I'm writing a python script for the data acquisition phase of my project and so far I've been storing data in .csv files. While I was reading data from a particular .csv file, I got the error:
syntaxError: EOL while scanning string literal
I took a look at the specific row in the file and and the data in the specific cell were truncated. I am using pandas to store dicts to csv and it never threw an error. I guess .csv will save itself no matter what, even if that means it will delete data without any warning.
I thought of changing to .xls. When the same row was being stored, an error came up saying (something along the lines of):
Max character length reached. Max character length per cell was ~32k.

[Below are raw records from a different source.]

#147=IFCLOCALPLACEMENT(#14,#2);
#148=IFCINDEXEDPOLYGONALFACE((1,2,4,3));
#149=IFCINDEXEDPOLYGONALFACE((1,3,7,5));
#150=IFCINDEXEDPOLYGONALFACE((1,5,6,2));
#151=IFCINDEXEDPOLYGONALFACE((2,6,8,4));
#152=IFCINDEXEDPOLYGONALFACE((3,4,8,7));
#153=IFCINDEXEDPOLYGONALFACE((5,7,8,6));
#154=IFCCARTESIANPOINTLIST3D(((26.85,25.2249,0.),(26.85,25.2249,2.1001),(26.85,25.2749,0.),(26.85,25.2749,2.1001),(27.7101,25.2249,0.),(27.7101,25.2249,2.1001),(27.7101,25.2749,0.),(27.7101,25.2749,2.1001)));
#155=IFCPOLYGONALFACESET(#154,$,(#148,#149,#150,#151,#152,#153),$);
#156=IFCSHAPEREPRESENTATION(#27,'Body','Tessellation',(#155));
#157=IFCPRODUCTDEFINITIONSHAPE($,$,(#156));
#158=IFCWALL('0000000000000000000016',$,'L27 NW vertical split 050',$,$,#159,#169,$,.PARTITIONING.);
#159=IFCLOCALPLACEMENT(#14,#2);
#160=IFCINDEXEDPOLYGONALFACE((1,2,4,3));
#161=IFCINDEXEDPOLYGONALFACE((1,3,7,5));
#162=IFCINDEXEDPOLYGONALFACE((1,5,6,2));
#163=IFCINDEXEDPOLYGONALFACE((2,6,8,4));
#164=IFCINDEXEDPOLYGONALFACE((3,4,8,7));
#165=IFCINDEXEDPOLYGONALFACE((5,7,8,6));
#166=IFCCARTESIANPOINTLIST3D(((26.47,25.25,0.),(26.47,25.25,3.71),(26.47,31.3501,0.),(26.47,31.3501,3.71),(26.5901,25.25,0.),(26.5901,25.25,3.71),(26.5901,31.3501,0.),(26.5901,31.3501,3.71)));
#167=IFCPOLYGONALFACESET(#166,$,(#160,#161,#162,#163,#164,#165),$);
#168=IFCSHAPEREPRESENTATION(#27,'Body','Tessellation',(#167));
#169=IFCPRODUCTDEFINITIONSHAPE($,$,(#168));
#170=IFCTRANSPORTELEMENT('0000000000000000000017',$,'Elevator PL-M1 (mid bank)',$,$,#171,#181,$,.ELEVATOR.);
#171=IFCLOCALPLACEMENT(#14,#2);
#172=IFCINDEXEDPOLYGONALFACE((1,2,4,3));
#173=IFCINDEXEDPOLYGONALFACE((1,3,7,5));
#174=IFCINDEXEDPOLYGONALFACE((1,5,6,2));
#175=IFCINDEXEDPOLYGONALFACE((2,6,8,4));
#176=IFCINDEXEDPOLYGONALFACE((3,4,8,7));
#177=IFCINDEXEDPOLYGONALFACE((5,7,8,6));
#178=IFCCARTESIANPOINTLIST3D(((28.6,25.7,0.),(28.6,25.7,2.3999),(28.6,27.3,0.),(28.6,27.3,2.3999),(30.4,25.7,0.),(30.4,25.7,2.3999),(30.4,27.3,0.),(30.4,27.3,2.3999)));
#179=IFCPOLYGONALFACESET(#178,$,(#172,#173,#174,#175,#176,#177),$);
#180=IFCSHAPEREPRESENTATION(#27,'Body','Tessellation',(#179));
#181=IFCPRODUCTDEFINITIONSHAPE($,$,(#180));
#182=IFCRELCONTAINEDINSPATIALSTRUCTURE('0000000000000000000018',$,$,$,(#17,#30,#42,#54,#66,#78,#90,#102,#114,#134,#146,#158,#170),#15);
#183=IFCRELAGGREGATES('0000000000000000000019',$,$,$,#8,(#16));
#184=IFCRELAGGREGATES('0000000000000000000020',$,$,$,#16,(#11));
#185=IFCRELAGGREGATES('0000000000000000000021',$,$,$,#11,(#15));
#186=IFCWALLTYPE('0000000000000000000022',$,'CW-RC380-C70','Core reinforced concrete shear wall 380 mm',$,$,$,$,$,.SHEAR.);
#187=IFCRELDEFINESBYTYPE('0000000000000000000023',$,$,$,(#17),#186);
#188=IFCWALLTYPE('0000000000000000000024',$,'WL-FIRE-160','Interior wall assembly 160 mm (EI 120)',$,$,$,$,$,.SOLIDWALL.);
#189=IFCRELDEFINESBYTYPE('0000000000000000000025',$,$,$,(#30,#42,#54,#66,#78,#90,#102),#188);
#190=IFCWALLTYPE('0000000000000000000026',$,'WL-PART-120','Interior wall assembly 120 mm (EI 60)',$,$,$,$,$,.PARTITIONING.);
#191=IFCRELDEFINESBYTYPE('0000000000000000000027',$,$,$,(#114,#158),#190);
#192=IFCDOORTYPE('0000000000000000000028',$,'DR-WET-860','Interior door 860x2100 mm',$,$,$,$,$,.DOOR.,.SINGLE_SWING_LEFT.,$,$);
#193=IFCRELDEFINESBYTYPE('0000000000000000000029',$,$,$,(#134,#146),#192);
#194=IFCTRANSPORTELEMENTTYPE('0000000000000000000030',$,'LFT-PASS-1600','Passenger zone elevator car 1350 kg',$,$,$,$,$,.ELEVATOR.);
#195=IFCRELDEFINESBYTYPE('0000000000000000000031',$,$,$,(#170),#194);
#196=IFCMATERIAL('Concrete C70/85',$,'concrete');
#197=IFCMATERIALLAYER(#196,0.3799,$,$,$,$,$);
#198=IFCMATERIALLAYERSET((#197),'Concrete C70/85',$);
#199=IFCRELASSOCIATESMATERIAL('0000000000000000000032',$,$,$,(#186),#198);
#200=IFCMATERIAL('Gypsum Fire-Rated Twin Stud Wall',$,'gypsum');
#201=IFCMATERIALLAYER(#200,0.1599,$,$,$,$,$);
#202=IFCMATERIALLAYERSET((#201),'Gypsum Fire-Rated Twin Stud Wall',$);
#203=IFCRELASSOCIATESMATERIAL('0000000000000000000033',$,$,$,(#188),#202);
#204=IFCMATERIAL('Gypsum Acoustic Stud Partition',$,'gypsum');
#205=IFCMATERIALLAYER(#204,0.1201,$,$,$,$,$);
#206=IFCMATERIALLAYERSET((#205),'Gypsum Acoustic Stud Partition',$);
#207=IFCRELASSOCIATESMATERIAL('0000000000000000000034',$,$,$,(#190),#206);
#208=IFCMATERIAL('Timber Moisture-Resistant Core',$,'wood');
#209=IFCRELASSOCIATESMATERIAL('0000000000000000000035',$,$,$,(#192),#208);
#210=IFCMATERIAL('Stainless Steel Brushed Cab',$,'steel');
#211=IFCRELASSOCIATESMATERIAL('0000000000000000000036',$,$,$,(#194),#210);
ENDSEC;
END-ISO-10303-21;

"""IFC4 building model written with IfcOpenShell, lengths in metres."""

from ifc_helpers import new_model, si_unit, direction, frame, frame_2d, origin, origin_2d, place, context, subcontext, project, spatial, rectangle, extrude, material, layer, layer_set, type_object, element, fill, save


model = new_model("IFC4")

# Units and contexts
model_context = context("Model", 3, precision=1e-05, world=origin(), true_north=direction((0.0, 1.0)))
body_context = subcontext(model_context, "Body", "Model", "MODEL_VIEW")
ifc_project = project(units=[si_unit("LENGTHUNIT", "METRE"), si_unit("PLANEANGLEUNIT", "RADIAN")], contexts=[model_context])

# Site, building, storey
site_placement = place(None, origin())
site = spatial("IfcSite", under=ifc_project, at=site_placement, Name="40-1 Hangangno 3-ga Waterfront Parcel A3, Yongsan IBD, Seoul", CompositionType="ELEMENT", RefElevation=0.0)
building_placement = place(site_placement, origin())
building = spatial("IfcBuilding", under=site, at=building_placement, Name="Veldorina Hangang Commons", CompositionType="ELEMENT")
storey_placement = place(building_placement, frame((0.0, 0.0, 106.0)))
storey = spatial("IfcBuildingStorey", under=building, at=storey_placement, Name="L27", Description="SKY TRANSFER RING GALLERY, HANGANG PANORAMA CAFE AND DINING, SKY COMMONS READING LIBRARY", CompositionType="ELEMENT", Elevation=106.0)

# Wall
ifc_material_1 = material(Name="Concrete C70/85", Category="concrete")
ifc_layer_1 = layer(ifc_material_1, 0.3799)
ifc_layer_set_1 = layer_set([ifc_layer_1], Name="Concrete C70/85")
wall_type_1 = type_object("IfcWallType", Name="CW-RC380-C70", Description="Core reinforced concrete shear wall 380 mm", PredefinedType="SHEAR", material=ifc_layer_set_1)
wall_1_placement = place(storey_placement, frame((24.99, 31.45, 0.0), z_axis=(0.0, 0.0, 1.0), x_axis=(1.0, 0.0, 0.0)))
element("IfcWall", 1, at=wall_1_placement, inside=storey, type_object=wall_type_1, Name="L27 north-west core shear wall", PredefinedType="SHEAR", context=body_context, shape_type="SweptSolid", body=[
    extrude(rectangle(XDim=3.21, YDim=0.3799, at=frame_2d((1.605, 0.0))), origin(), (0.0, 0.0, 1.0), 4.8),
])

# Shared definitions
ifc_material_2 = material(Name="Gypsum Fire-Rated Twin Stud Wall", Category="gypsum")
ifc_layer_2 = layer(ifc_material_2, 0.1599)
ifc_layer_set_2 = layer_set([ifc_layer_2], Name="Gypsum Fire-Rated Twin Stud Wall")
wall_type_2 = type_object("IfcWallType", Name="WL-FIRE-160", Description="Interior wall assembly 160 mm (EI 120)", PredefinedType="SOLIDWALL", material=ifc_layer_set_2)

Then I thought that it may just be an excel/libreoffice calc issue (I tried both) and they can't visualize the data in cell but they are actually there. So I tried printing the specific cell; data were indeed truncated. The specific cell contains a dict, whose values are float, int, boolean or string. However, all of them have been converted to strings.
My question is, is there a way to fix it without changing the file format?

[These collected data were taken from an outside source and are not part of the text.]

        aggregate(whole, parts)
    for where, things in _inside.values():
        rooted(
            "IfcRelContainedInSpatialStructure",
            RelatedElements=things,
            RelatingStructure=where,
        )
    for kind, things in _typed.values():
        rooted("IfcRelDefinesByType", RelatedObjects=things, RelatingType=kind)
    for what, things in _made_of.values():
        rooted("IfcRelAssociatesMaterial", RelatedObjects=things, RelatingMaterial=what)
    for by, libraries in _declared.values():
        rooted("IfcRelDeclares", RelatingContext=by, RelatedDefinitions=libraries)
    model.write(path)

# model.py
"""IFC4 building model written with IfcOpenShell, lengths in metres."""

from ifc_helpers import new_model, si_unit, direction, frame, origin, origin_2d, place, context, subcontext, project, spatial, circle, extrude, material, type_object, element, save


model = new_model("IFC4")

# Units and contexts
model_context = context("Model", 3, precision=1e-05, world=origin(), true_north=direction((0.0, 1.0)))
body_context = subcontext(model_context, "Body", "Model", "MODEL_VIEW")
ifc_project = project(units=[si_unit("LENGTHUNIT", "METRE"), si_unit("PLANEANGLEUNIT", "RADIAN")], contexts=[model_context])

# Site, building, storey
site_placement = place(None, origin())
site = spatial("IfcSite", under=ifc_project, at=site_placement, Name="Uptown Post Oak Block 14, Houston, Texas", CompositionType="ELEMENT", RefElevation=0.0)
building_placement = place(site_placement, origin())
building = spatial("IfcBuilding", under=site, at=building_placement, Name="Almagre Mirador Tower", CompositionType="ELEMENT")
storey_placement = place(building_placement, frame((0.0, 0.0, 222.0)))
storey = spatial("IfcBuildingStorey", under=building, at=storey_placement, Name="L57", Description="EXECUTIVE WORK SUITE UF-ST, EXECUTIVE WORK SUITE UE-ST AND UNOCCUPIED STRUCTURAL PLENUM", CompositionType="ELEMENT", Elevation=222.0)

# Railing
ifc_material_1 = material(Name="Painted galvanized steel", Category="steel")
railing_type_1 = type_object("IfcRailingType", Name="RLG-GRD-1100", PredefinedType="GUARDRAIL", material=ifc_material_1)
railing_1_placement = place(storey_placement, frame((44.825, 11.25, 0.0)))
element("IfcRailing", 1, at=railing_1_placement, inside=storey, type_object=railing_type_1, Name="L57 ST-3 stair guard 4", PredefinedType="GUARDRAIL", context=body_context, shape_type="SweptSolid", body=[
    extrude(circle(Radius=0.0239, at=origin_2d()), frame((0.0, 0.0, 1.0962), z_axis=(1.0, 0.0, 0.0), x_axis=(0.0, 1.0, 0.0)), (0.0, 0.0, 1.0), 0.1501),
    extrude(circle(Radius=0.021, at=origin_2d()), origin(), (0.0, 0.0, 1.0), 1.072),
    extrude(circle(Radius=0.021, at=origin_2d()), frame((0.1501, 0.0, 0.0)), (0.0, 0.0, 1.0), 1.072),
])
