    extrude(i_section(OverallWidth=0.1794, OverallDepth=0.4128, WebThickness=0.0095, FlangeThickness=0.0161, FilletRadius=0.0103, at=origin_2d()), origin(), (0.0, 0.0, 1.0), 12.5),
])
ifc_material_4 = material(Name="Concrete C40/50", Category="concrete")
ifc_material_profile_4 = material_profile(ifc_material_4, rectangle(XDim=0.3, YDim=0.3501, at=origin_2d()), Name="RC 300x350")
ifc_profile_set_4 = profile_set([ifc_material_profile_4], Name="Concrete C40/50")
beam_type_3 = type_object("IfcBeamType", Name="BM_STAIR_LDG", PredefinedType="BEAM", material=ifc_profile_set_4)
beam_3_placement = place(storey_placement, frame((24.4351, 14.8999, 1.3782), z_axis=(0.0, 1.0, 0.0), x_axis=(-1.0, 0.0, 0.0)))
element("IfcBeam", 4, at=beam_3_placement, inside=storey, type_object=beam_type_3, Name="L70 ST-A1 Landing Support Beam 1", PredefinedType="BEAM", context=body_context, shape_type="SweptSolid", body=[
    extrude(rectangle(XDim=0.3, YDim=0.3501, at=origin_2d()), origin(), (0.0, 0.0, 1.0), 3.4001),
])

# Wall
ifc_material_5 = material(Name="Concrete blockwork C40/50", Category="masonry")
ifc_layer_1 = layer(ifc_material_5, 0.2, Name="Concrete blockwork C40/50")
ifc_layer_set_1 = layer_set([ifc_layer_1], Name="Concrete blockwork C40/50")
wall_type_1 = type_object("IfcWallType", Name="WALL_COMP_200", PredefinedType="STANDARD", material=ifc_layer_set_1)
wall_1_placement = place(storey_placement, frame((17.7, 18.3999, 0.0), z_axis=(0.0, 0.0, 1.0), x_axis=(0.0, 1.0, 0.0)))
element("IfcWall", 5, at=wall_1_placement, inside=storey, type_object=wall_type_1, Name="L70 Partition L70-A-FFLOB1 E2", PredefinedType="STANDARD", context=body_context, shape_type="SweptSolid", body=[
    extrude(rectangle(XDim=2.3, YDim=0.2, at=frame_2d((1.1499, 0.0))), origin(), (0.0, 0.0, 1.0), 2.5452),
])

In the case that I have to change the file format, what would be an appropriate choice to store very large files? I am thinking about hdf5.
In case you need more info, do let me know. Thank you!
There is a limit to fields size:
csv.field_size_limit([new_limit]) Returns the current maximum field size allowed by the parser. If new_limit is given, this becomes the new limit.
On my system (Python 3.8.0), I get:
>>> import csv
>>> csv.field_size_limit()
131072
which is exactly 128 kB.
You could try to set the limit higher:
csv.field_size_limit(your_new_limit)
But maybe a different file format would be more adapted depending on what kind of data you store.